Either due to the migration of participants or some other latent cause(s), approximately 50% of participants in the intervention group had no or limited exposure to the intervention according to Supplementary Figure 2 in Cowan et al. [2]. To account for this lack of exposure, we evaluated the impact of the intervention based on the level of exposure the participants received using the GEE approach. We split the intervention group into three distinct groups based on their actual intervention exposure levels. The limited intervention group contained participants with no/limited actual exposure to the intervention or the participants who attended a trial school with peer educators, but lived in the community for less than five years or attended a trial school without peer educators. The moderate intervention group contained participants who either lived in the community for more than five years and attended a trial school with peer educators, or attended 10 or more out-of-school youth (OOSY) sessions, but not both. The high intervention group contained participants who lived in the community for more than five years, attended both a trial school with peer educators and 10 or more OOSY sessions. We evaluated the impact of different levels of exposure to the intervention on HIV prevalence and other key outcome variables using a GEE model adjusting for age, strata, marital status, and education per the original analysis. When GEE failed to provide valid estimates (i.e., separation issues were encountered), an alternative Bayesian logistic regression model with random community effects was fit. These random community effects were included to account for possible unobserved heterogeneity occurring among participants staying in the same community, which is similar to the correlation structure used in the original analysis. We set non-informative priors (i.e., normal distribution with 0 for the mean and 1000 for the variance for the prior distribution of the coefficients, and inverse-Gamma distribution with a mean of 1 and variance of 1000 for the variance parameters of the random effects). The model was fit using the STATA command BAYESMH with a burn-in of 5000 iterations and 50,000 MCMC iterations. The Bayesian approach with appropriate non-informative priors enabled us to produce valid parameter estimates close to traditional maximum likelihood estimates [18].

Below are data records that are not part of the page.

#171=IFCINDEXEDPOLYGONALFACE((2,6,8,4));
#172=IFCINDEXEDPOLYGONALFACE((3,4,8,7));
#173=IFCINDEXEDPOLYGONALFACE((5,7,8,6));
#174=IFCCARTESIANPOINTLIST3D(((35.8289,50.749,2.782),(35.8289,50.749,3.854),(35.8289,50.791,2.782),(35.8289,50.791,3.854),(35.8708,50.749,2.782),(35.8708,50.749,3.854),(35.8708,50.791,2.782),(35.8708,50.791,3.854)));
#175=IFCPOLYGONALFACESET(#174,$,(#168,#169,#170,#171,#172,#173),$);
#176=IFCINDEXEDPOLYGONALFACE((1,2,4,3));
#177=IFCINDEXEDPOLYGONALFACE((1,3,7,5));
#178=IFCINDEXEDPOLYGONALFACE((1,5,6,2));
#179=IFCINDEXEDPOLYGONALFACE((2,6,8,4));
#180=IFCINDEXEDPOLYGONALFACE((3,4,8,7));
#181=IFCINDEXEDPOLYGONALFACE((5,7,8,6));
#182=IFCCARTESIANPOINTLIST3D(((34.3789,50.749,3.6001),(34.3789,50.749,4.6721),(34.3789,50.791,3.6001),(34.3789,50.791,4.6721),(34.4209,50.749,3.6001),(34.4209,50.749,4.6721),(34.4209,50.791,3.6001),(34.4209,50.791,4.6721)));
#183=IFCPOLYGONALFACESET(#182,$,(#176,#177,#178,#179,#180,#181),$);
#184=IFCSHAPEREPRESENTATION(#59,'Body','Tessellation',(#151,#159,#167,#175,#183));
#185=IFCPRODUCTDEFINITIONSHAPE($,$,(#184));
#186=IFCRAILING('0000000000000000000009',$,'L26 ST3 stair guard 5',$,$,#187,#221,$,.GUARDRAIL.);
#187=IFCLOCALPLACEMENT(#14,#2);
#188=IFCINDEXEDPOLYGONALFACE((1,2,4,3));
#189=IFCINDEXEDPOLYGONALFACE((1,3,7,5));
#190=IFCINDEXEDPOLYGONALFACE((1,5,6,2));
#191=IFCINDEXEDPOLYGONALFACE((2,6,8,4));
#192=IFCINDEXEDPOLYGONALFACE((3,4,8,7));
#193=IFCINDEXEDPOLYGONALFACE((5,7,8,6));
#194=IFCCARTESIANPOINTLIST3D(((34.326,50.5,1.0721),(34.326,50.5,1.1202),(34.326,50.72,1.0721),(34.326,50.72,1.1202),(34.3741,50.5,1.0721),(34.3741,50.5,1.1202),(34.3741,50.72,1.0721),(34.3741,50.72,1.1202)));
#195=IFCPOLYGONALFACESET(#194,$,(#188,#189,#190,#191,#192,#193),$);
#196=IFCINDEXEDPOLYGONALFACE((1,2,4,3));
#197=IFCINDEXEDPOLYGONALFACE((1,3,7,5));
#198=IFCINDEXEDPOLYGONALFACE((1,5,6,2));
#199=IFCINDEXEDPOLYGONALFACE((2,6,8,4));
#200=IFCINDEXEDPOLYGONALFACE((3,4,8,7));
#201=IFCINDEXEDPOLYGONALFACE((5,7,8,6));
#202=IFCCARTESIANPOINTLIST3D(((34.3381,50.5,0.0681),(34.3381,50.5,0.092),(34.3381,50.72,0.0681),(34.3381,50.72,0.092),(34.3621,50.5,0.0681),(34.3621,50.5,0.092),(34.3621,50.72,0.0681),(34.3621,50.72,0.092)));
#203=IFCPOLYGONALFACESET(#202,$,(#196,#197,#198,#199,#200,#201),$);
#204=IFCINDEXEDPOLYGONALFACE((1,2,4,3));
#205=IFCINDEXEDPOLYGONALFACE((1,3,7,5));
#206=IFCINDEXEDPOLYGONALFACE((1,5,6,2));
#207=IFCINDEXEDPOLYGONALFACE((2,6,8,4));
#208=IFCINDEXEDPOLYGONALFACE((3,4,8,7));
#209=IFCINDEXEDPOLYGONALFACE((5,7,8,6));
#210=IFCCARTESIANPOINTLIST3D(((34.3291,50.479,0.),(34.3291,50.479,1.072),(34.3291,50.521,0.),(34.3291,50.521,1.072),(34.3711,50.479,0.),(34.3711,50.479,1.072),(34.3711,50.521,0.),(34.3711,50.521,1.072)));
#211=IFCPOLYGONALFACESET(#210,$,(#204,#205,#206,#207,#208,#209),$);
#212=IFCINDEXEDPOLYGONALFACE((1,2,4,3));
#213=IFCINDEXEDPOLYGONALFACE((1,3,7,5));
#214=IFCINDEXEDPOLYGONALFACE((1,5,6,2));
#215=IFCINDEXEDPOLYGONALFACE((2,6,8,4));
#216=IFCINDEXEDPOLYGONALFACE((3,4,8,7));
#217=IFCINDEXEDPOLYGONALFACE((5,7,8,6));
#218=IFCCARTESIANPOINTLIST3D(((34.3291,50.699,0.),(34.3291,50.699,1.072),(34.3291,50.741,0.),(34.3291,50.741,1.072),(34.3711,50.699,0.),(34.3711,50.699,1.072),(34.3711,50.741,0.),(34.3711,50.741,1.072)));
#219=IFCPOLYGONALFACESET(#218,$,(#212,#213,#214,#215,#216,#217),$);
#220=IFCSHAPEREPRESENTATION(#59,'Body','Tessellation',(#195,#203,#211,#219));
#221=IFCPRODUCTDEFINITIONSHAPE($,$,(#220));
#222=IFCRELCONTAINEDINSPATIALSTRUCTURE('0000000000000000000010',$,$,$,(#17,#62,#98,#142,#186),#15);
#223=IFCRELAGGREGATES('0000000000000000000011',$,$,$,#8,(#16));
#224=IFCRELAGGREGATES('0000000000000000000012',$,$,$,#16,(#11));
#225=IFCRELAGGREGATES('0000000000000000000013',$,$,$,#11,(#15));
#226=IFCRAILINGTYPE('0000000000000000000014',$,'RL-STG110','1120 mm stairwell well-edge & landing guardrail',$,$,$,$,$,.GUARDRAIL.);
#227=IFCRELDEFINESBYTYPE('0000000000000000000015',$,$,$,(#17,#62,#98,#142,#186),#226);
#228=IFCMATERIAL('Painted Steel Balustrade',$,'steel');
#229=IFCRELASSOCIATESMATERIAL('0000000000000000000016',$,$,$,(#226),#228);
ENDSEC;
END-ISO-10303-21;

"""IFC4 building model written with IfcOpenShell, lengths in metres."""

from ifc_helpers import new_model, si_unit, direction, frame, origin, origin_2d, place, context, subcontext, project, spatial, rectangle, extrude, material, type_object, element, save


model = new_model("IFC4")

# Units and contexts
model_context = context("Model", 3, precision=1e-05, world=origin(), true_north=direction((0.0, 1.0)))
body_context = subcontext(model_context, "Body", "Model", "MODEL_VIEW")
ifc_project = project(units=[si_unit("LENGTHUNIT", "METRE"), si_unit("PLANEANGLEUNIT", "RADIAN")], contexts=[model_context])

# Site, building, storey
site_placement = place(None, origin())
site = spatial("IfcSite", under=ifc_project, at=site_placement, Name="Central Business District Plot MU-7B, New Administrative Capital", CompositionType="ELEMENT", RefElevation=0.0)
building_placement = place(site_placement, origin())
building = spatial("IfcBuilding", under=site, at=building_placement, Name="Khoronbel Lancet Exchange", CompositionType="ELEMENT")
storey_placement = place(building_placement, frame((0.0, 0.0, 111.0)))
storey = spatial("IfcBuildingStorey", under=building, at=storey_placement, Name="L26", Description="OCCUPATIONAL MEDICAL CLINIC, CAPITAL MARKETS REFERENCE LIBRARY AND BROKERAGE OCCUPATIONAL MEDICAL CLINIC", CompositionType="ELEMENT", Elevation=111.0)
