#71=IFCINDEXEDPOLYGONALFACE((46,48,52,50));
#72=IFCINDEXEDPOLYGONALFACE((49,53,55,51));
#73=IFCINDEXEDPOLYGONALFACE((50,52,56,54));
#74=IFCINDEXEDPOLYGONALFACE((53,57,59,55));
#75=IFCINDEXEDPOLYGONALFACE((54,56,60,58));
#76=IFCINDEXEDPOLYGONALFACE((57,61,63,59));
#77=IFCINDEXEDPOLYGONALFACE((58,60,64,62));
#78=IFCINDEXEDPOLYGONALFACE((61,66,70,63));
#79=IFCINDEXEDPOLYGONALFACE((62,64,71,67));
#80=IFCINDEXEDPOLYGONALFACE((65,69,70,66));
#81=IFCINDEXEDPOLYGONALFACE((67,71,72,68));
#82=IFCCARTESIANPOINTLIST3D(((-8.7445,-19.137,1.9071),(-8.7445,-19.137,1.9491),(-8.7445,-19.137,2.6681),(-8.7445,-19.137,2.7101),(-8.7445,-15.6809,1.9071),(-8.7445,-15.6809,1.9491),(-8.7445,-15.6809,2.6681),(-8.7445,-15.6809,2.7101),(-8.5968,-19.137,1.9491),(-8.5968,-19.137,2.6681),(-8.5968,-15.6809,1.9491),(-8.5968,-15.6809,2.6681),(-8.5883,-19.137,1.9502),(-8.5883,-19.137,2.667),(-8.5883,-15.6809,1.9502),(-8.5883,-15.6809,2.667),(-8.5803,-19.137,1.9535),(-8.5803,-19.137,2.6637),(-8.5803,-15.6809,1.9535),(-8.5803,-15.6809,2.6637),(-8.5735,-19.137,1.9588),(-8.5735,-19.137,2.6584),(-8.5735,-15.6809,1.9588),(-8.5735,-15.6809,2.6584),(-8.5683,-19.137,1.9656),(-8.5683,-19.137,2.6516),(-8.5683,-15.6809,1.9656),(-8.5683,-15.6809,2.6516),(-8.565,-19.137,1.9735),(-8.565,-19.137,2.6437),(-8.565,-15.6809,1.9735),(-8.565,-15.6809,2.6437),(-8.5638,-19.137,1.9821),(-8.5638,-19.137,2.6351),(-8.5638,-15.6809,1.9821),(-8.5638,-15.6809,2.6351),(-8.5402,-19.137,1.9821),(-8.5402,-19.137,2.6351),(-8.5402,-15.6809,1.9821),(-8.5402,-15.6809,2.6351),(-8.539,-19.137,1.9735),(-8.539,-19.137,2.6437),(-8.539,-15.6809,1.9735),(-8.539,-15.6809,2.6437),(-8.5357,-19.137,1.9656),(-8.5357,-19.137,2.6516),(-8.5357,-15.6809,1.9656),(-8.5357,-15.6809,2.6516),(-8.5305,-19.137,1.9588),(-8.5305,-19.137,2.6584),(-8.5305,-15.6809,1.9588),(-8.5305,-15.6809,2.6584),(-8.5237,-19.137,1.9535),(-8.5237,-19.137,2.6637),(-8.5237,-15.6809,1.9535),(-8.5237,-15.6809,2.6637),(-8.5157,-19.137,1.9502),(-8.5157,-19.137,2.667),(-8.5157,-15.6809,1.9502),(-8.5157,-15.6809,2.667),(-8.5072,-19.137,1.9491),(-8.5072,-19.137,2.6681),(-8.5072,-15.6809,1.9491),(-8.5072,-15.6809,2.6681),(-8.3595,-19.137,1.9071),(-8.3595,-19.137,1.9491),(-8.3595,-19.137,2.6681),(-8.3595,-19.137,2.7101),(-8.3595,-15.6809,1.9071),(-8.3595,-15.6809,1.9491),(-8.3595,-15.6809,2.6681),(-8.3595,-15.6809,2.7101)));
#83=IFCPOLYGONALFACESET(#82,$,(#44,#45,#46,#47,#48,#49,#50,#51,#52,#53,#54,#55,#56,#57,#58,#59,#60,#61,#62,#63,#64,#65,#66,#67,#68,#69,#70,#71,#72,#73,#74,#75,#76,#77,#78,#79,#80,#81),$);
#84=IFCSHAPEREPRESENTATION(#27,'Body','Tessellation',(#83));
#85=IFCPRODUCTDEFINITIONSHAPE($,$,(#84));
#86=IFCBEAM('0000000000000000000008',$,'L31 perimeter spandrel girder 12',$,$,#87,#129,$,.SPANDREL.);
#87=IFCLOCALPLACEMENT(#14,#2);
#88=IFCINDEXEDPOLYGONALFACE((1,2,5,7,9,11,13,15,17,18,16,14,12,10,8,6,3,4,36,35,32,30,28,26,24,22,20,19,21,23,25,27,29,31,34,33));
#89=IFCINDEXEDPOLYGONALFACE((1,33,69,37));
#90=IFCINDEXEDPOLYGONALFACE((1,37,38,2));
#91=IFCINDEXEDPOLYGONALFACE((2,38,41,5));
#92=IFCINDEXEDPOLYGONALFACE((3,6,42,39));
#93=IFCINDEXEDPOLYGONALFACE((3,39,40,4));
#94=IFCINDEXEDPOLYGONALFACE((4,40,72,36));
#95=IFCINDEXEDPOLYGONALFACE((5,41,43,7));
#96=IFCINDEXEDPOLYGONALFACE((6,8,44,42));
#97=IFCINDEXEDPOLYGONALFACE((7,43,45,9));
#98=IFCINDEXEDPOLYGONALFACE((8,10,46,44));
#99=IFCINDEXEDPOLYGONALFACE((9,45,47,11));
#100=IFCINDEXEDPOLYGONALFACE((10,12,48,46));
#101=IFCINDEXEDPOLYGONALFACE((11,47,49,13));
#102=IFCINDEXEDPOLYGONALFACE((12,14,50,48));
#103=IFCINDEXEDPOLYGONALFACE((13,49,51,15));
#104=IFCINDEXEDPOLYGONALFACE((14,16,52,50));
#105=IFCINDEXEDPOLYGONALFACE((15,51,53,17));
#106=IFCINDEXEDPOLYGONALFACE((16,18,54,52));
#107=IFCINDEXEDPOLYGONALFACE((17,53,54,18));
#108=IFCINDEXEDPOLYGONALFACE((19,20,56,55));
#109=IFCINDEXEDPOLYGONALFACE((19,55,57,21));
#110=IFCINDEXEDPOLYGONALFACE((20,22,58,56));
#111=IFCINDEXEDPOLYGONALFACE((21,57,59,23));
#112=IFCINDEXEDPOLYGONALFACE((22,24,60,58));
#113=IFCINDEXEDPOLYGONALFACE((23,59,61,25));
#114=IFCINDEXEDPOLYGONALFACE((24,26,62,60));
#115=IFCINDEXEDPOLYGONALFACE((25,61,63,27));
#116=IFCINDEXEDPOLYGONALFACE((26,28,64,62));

As an alternative to the dose-response model, we also examined the effect of treatment on the treated using the instrumental variable (IV) approach. A bivariate probit model was used to fit the model with robust standard errors clustered by community. Goodness of fit was established using Murphy’s score test [19]. Additionally, the correlation between errors was examined and reported. If the correlation between error terms was not different from zero, a single probit model was deemed appropriate.

MEA for identifying patient subgroups with heterogeneous intervention effects.

We anticipated that the association between the intervention and HIV or HSV-2 prevalence would be different for participants of different ages, according to Supplementary Figure 3 in Cowan et al. [2]. Therefore, we evaluated the heterogeneous impacts of the intervention on HIV or HSV-2 among different age or history of risky sexual behavior groups using GEE models. We defined the past sexual history as no risk, low risk, or high risk based on their reported history of sexual behavior. Specifically, the participants with no sexual behavior risk were the participants who reported to have no past sexual behavior. The participants with low sexual behavior risk were the participants who reported to have sexual behavior but no early sexual debut (< = 17 years old), no multiple partners, and reported condom use in the past 12 months. The rest of the participants with valid data reported on sexual behavior history were considered to have a sexual behavior of high risk. The interactions between age or history of sexual behavior and intervention exposure were tested. If there was a significant interaction, a stratified analysis by age or by risky sexual behavior history was performed.

Methods of TOC analyses on the association between knowledge/attitudes and HIV or HSV-2 prevalence

There may be a potential interrelation among the intervention, knowledge and attitudes, and HIV or HSV-2 prevalence as well as associated sexual risk behavior. Cowan et al. [2] examined the intervention impacts on knowledge, attitudes, HIV prevalence, or HSV-2 prevalence separately. Since the intervention group contained participants with different exposure levels to the intervention, it remains unclear whether the potential null effects of the intervention on HIV or HSV-2 prevalence were due to selection bias, or how the knowledge and attitudes of the participants directly impacted HIV or HSV-2 prevalence. Therefore, we evaluated the effects of knowledge and attitudes on HIV or HSV-2 prevalence via two different TOC analyses.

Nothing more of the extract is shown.